Empuña la Espada Maestra y la blande hacia delante. Las platas choca una con otra: es la música más hermosa que jamás ha oído. Da una voltereta hacia un lado y se protege otra vez con su escudo. La espada le araña la otra pierna y suelta un único grito de dolor, pero eso no es nada en comparación con la victoria.
Siente cómo ella sonríe al sacar una flecha dorada. Le maravilla que ni siquiera titubee. Tensa la cuerda y tira la flecha de luz, que se clava en el rey, paralizándolo. Abre la boca y sus ojos, que una vez fueron tan dorados, pierden su expresión. Y Ganondorf suelta una carcajada, una carcajada salvaje.
Ahora le toca a él.
Se mueve de un lado para otro, rápido, rápido, tan rápido, y prepara la espada. Sus brazos están preparados. El rey se ríe, se ríe, se ríe. El ruido lo desconcierta.

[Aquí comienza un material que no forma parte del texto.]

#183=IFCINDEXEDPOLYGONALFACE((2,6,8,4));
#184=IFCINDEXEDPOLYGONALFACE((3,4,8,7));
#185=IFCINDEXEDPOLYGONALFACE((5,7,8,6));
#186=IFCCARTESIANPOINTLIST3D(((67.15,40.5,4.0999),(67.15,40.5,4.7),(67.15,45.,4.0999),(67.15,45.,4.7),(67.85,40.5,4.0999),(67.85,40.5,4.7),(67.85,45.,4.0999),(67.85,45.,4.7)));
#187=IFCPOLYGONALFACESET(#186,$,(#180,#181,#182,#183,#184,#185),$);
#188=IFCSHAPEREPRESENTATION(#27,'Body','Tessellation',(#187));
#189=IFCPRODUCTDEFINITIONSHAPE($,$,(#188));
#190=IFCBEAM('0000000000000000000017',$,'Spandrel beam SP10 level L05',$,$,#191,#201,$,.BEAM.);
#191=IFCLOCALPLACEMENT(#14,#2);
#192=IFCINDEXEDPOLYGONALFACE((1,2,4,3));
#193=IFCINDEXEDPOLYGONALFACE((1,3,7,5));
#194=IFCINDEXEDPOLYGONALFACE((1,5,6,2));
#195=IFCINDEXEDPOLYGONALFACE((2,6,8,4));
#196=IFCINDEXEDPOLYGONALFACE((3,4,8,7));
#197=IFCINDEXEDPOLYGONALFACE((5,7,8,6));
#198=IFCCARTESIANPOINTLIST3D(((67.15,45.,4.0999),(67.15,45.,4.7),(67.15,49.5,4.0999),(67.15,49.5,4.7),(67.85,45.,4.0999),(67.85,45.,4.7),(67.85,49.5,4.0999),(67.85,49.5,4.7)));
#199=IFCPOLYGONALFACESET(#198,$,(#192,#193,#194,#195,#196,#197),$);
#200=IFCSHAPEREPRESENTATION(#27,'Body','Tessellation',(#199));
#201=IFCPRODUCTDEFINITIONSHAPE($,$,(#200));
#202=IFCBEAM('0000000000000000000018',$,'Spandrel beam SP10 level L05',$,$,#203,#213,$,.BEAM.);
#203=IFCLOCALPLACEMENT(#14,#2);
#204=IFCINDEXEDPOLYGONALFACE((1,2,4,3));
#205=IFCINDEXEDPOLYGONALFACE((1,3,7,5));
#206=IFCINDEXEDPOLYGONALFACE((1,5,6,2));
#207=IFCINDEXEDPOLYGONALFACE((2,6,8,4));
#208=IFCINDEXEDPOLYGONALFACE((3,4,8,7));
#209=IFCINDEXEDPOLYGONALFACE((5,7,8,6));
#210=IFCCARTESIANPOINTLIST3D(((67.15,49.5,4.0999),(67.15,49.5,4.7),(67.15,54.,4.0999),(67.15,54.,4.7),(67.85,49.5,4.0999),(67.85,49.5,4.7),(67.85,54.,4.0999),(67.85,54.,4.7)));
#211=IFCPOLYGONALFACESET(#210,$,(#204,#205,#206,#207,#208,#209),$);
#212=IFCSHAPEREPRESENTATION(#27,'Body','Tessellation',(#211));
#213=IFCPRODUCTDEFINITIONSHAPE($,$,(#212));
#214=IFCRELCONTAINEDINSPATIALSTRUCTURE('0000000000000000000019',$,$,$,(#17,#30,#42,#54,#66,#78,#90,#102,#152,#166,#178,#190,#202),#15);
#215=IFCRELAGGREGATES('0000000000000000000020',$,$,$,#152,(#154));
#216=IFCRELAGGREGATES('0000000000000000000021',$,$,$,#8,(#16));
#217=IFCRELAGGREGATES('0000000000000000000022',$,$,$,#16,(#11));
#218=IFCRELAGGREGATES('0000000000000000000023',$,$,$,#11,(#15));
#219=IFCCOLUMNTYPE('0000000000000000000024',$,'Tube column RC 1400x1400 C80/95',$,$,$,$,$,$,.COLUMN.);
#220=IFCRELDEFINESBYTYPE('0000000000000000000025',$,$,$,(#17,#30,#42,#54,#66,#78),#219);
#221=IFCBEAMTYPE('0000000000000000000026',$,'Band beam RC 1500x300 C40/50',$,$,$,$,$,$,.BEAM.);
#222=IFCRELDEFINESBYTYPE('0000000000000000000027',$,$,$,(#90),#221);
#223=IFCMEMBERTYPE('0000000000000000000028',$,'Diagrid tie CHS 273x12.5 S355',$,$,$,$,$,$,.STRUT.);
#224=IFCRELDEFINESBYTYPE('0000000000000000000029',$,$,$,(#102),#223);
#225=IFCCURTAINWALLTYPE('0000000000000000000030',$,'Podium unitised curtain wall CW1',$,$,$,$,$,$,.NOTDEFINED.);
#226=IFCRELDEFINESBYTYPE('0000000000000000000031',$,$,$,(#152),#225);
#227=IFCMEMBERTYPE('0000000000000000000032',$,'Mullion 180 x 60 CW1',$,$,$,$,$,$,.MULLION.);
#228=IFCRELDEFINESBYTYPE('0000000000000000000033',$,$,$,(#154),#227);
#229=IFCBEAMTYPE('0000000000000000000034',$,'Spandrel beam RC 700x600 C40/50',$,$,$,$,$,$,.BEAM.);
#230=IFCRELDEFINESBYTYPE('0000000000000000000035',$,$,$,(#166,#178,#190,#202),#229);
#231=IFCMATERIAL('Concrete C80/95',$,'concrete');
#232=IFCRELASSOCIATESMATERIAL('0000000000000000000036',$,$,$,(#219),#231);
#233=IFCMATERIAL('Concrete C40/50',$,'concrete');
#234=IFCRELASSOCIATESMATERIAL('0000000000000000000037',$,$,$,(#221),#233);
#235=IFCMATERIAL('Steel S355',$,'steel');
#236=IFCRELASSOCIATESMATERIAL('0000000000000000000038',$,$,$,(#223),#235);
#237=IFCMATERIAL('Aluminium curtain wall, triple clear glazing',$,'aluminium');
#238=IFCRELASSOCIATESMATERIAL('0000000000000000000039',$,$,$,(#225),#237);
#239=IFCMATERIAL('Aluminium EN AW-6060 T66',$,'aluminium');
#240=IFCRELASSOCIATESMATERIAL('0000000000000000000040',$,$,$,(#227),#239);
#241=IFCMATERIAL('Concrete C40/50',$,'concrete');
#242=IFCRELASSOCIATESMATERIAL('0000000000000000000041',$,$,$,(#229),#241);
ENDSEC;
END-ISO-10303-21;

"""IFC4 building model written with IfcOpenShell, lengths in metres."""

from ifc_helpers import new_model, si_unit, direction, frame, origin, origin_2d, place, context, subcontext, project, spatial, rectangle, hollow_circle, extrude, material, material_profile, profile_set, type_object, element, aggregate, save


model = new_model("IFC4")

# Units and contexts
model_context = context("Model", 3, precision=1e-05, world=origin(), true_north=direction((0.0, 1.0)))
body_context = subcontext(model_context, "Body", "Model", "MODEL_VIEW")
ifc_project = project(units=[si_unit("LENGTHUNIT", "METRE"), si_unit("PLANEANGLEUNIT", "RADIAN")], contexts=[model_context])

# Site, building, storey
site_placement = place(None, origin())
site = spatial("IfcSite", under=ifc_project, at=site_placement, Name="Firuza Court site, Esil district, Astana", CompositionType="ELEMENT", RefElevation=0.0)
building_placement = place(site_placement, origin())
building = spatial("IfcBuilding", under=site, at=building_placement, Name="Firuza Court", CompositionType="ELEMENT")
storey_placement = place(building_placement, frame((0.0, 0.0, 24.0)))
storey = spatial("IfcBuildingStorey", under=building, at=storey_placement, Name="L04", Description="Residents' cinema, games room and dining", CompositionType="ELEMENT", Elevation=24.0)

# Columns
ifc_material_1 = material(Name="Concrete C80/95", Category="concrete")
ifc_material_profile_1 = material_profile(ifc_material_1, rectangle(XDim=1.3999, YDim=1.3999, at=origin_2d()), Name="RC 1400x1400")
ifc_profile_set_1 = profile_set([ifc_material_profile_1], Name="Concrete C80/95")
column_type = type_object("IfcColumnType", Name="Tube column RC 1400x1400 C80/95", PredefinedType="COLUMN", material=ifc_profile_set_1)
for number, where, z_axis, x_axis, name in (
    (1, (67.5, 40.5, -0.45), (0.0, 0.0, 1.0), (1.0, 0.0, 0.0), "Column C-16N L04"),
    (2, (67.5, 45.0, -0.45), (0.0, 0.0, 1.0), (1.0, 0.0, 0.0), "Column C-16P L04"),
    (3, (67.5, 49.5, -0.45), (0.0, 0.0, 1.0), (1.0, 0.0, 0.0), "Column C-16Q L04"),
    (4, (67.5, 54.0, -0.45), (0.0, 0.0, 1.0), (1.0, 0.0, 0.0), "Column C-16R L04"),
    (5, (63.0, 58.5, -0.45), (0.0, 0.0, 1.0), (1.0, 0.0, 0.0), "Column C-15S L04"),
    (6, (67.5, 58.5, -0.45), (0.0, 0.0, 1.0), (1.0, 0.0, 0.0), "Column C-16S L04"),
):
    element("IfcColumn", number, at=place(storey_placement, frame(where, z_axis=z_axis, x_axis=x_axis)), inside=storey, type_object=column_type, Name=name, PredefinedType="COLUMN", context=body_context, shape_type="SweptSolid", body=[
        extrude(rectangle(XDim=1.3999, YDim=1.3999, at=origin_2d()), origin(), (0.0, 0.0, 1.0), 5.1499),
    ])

—¡Lo sabía desde el principio! —ruge el rey y se gira para señalar a Zelda—. ¡Eras tú! ¡Jamás fue el caballero! ¡Jamás fueron las piezas! ¡Tú eras quien los controlaba!

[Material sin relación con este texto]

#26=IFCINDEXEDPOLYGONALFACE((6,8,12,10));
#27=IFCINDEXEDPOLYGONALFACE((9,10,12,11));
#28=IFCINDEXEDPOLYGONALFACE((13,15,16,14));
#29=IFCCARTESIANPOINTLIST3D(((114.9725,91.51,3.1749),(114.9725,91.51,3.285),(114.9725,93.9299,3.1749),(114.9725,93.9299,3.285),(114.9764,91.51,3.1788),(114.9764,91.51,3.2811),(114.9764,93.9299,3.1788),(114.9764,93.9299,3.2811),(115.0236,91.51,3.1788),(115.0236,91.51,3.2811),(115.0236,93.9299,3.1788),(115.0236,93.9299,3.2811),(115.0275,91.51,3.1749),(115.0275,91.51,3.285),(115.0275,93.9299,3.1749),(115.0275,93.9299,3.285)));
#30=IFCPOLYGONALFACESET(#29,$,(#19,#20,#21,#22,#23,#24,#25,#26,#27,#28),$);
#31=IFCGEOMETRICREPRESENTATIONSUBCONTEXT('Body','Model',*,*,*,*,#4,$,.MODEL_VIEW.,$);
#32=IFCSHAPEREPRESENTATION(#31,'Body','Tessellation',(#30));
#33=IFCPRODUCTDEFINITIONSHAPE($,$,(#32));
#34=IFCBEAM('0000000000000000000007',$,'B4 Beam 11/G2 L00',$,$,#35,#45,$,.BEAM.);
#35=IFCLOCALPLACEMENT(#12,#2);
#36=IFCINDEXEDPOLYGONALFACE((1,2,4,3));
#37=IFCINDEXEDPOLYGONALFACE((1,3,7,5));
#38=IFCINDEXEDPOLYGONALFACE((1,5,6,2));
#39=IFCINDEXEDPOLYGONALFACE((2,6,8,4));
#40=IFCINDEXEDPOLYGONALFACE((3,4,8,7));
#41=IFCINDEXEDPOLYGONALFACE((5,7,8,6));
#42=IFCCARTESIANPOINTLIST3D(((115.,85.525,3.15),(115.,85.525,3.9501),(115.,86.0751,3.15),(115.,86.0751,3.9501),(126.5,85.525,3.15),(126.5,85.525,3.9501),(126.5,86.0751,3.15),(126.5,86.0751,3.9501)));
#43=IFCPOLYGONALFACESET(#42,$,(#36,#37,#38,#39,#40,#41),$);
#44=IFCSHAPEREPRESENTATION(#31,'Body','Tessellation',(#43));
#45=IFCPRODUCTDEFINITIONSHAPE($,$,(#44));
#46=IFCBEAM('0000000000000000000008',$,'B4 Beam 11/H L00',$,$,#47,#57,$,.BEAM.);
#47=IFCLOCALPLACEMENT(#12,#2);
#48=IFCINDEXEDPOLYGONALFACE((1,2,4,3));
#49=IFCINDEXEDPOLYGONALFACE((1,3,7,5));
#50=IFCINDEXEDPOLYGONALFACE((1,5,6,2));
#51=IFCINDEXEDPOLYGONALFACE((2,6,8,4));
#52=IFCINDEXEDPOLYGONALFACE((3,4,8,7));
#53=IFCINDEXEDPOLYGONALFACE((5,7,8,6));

Link se pregunta qué ocurre.
Se gira hacia Zelda, que guarda el arco. Clava sus ojos en los suyos y sonríe. Ganondorf se gira de nuevo hacia Link:
—Muchacho —dice con voz ronca— solo eres una pieza de ajedrez, un caballero...
Ya ha tenido suficiente. Gruñendo como un animal, empuña la Espada Maestra. La victoria, el baño de sangre, está a su alcance. Todo está ahí. Lo saborea en sus labios.
Ganondorf se ríe.
—Hermoso. Tan, tan hermoso —dice el rey gerudo, hasta cuando la espada se dirige adelante, adelante, adelante justo hacia la débil carne de su cuello. La cabeza rueda, ojos dorados y cabellos como el fuego.
Cae el rey.
Zelda camina a su lado y él la mira a los ojos. Azules, como imaginaba que eran, como sabía que eran aunque jamás la haya conocido aquí.
—Jaque mate —susurra.
Una parte de él espera que lo tome entre sus brazos o que le sonría. Pero no lo hace.
En su lugar, camina con largos pasos hacia el centro del salón, donde se apila la alfombra escarlata. La esquiva con facilidad y se dirige hacia el trono gigantesco y bañado en oro que se encuentra al final del salón. Se sienta en él y cruza las piernas, serena. Los ojos le brillan.
—Es bueno estar de vuelta.
- FIN -
N. de A.: Hmmm. No me preguntes de qué iba esto, porque la verdad NO LO SÉ. ;A;. Es tan divertido escribir a una Zelda malvada. Ni idea.